Eva has worked herself into a state. She's reluctant to return to K-53-A alone with the child. He insists that they stay with him. Over Eve's ennervated refusals, he makes up the bed for them, apologizing for the brutality of bachelorhood. Margaret is across the mattress and asleep before he can turn out the light. He returns to the front room and his journal pile, prepared to sit up all night, a trick that has become almost easy. He has just hit upon an article in a 1955 Nature —one that, for an instant, seems as catalytic as Watson and Crick's piece two years earlier — when Eva pads in, still wrapped in the quilt. "Can I sit out here with you? I'll be quiet."

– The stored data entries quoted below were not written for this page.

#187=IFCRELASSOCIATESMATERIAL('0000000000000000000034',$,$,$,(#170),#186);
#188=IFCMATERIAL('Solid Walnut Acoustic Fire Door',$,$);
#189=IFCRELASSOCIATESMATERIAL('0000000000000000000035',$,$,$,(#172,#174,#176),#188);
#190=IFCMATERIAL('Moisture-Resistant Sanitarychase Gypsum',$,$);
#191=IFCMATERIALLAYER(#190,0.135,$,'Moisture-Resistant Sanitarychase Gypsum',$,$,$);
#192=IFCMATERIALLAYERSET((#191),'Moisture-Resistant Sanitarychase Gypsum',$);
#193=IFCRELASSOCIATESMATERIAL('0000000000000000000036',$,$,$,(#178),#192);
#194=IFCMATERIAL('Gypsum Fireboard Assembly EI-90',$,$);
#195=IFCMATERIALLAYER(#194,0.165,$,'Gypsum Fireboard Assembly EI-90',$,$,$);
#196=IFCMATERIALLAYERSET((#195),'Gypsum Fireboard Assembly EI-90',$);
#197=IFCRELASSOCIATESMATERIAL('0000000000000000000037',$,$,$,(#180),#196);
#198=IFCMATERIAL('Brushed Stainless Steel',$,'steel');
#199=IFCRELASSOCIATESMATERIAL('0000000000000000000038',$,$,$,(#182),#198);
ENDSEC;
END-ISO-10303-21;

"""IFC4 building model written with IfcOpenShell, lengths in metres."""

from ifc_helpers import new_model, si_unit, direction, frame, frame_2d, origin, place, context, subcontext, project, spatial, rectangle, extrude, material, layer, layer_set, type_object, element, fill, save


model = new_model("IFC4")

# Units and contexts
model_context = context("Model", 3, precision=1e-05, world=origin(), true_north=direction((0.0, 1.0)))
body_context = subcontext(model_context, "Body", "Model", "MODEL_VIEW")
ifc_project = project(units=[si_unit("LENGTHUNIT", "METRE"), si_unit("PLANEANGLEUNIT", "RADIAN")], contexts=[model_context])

"You don't have to be quiet."

"Good. Nature again, I see. You men are all alike." She takes the volume from him, thumbs through its thickness, and drops it back into Ressler's hands. "OK. Ask me anything."

Before he can smile, she coils up and follows the book into his lap. She collapses like a cut tree, lets out a bleat of anguish, and balls herself up against him. She is uncannily cold; he wraps her in his forearms to try to trap what little warmth is left in her. "He must be somewhere," he offers.

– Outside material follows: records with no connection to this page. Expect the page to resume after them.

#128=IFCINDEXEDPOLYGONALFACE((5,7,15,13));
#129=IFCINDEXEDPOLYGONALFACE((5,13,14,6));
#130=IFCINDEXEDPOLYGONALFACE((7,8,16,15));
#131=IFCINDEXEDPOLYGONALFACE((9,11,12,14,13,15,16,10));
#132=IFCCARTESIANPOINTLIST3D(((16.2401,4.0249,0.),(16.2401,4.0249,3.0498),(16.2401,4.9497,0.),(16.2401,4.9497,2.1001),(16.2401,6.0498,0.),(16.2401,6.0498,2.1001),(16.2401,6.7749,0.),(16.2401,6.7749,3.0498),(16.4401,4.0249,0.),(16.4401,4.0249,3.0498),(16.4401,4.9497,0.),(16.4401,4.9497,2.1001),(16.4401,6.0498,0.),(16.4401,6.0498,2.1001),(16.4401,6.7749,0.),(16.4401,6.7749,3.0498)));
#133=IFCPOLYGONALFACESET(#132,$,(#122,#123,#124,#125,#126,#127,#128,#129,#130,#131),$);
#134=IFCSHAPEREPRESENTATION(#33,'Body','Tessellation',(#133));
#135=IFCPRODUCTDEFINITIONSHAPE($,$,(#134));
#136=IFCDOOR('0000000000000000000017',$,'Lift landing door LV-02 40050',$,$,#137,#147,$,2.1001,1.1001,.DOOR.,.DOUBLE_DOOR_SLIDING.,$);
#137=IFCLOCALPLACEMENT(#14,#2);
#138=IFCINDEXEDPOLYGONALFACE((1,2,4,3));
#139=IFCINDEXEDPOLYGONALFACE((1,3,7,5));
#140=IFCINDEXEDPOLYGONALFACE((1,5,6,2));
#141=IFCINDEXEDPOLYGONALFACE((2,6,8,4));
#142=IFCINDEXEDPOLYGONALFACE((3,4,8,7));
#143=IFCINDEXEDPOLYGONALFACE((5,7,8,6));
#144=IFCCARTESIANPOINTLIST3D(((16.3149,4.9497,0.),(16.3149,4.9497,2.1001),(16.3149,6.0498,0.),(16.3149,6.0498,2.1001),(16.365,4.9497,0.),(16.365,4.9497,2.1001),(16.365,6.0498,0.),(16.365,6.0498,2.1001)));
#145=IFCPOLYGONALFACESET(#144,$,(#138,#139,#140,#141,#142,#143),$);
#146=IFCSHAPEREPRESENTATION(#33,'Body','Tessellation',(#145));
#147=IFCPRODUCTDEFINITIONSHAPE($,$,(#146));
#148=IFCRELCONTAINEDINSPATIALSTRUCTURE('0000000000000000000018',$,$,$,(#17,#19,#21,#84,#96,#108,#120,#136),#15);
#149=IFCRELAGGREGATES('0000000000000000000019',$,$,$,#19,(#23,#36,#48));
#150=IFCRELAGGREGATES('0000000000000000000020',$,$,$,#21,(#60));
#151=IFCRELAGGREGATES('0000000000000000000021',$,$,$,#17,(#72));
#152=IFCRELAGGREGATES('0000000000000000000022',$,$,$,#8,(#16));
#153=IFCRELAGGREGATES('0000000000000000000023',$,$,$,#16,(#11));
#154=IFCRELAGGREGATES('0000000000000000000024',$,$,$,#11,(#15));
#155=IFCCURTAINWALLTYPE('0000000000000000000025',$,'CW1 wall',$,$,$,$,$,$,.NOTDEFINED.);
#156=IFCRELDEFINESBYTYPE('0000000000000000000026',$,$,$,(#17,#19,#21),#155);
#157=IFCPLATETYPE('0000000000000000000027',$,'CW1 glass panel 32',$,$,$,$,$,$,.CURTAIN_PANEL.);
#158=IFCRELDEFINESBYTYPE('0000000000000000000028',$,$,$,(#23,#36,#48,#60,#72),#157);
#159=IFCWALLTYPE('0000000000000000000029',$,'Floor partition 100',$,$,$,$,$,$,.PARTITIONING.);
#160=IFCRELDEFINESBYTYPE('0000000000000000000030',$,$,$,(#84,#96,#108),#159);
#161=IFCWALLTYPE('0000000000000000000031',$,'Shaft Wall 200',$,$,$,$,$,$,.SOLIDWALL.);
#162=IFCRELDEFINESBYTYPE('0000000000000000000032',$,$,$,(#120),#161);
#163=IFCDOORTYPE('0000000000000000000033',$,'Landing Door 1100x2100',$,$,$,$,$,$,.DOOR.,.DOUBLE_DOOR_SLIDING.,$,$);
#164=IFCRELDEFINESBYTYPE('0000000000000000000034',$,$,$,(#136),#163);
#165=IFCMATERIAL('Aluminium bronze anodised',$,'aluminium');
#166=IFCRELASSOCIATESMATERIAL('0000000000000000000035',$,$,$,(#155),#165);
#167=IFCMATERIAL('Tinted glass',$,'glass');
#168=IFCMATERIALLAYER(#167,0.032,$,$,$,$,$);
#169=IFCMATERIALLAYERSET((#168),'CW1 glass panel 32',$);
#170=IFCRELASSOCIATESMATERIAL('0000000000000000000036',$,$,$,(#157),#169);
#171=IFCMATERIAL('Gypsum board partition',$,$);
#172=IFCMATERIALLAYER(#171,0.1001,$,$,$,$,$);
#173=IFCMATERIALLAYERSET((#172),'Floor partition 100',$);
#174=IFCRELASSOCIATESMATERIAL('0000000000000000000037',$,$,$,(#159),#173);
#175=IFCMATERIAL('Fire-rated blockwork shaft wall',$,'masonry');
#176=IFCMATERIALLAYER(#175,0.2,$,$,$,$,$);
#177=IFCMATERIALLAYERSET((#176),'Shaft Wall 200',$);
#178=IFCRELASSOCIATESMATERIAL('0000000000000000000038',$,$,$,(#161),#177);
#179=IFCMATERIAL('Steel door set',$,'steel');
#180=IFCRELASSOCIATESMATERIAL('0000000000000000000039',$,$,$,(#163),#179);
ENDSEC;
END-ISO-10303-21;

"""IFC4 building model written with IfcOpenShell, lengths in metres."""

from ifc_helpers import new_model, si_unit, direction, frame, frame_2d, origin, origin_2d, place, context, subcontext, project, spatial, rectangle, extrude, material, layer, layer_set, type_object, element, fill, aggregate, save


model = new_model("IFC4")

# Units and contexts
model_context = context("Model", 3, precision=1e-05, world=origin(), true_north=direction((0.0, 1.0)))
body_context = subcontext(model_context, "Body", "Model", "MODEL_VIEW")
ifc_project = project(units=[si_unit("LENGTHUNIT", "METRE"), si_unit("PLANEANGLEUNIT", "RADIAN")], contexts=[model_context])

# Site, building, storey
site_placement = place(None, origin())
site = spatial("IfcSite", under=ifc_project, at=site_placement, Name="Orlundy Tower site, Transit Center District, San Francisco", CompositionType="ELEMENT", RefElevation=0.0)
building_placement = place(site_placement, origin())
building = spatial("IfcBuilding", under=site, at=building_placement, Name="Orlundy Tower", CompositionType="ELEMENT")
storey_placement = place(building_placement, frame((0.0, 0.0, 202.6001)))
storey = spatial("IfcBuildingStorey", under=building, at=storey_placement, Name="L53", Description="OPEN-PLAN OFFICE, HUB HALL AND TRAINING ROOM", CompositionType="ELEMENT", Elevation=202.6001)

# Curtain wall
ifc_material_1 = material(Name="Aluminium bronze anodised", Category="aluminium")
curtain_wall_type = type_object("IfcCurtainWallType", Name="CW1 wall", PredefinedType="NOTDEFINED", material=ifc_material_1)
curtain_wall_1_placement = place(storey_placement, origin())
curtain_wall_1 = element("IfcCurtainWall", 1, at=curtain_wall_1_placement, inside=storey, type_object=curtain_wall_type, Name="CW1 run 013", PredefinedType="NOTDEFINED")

Evie stifles a vowel. "Keep talking." She digs into his leg, a breeding sea turtle scooping deeper into the beach.

Ressler pops the clutch for a moment before he can locate his deep sentence structures. He begins talking about Tooney and the tornadoes, the likely scenarios accounting for his absence. Paralleling in rough analogy the series turning electrical current into magnet pulse into paper motion into air wave into earbone disturbance into neural network into Brahms, his words of coded comfort drive Evie's muscles into slack acceptance. When he runs out of explication, he goes on filling up empty space. He talks about how essential Blake's sensibilities are to Cyfer, his lucid, first-rate spoiling of half-baked ideas. Tooney is the one person liked by everyone on the team. Eva acknowledges this praise with a muffled sigh. Ressler goes on, explaining how Cyfer has squared off against the coding problem, just what difficulties still lie between them and a map of the nucleotide grammar. As the details are lost on her and therefore safe, he lays out the theory of an in vitro solution just weeks away from gelling: submit the simplest imaginable message to the coding mechanism, and see what the enciphered text looks like. Crack the system by standing over the encoder's shoulder.

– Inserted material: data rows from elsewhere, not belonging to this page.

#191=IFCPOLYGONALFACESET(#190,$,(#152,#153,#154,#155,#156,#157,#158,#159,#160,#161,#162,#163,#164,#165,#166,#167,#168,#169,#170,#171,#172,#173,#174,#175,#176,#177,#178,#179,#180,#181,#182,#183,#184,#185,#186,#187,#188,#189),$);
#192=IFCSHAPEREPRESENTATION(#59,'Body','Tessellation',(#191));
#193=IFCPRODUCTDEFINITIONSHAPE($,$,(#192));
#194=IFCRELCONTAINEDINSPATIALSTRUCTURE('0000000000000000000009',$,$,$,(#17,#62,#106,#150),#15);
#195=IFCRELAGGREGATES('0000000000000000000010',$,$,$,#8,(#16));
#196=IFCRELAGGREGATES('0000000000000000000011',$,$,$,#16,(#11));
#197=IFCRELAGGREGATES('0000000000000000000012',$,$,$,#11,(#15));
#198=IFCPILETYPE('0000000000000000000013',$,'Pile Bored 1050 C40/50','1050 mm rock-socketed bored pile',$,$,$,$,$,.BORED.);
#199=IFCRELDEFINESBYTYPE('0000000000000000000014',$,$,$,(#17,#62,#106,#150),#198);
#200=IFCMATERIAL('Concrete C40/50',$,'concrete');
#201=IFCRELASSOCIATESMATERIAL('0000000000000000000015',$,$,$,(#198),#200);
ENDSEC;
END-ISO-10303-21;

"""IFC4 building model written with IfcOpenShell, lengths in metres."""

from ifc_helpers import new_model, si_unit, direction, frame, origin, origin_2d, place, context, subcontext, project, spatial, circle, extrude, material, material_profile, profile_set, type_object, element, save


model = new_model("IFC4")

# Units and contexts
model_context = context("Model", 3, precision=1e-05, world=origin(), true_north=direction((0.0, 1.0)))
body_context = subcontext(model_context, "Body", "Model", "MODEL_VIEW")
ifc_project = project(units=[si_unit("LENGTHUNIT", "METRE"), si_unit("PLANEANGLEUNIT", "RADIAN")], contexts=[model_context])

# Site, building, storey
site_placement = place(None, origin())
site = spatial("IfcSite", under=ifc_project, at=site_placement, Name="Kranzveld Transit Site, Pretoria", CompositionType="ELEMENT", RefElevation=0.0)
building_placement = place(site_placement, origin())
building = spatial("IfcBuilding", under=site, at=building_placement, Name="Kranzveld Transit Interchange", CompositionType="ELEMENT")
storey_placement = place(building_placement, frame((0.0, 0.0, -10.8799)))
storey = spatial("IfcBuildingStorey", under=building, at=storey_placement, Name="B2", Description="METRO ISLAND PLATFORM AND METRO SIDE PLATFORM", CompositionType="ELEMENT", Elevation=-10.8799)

He stops, struck by the beauty of the thing he touches. His hands keep working, rubbing warmth into Eva in ways they would not dare with the other woman now. Eva has lost her agitation. He can stop the invented monologue. But for this perfect audience, asleep, unable to hear, he recites, "I'm in love with a colleague of your husband's. She's as married as you are. Nothing to do about it. No point." He checks each mark off, brutally succinct, but he stops short of the worst: She is a locking template I cannot shake.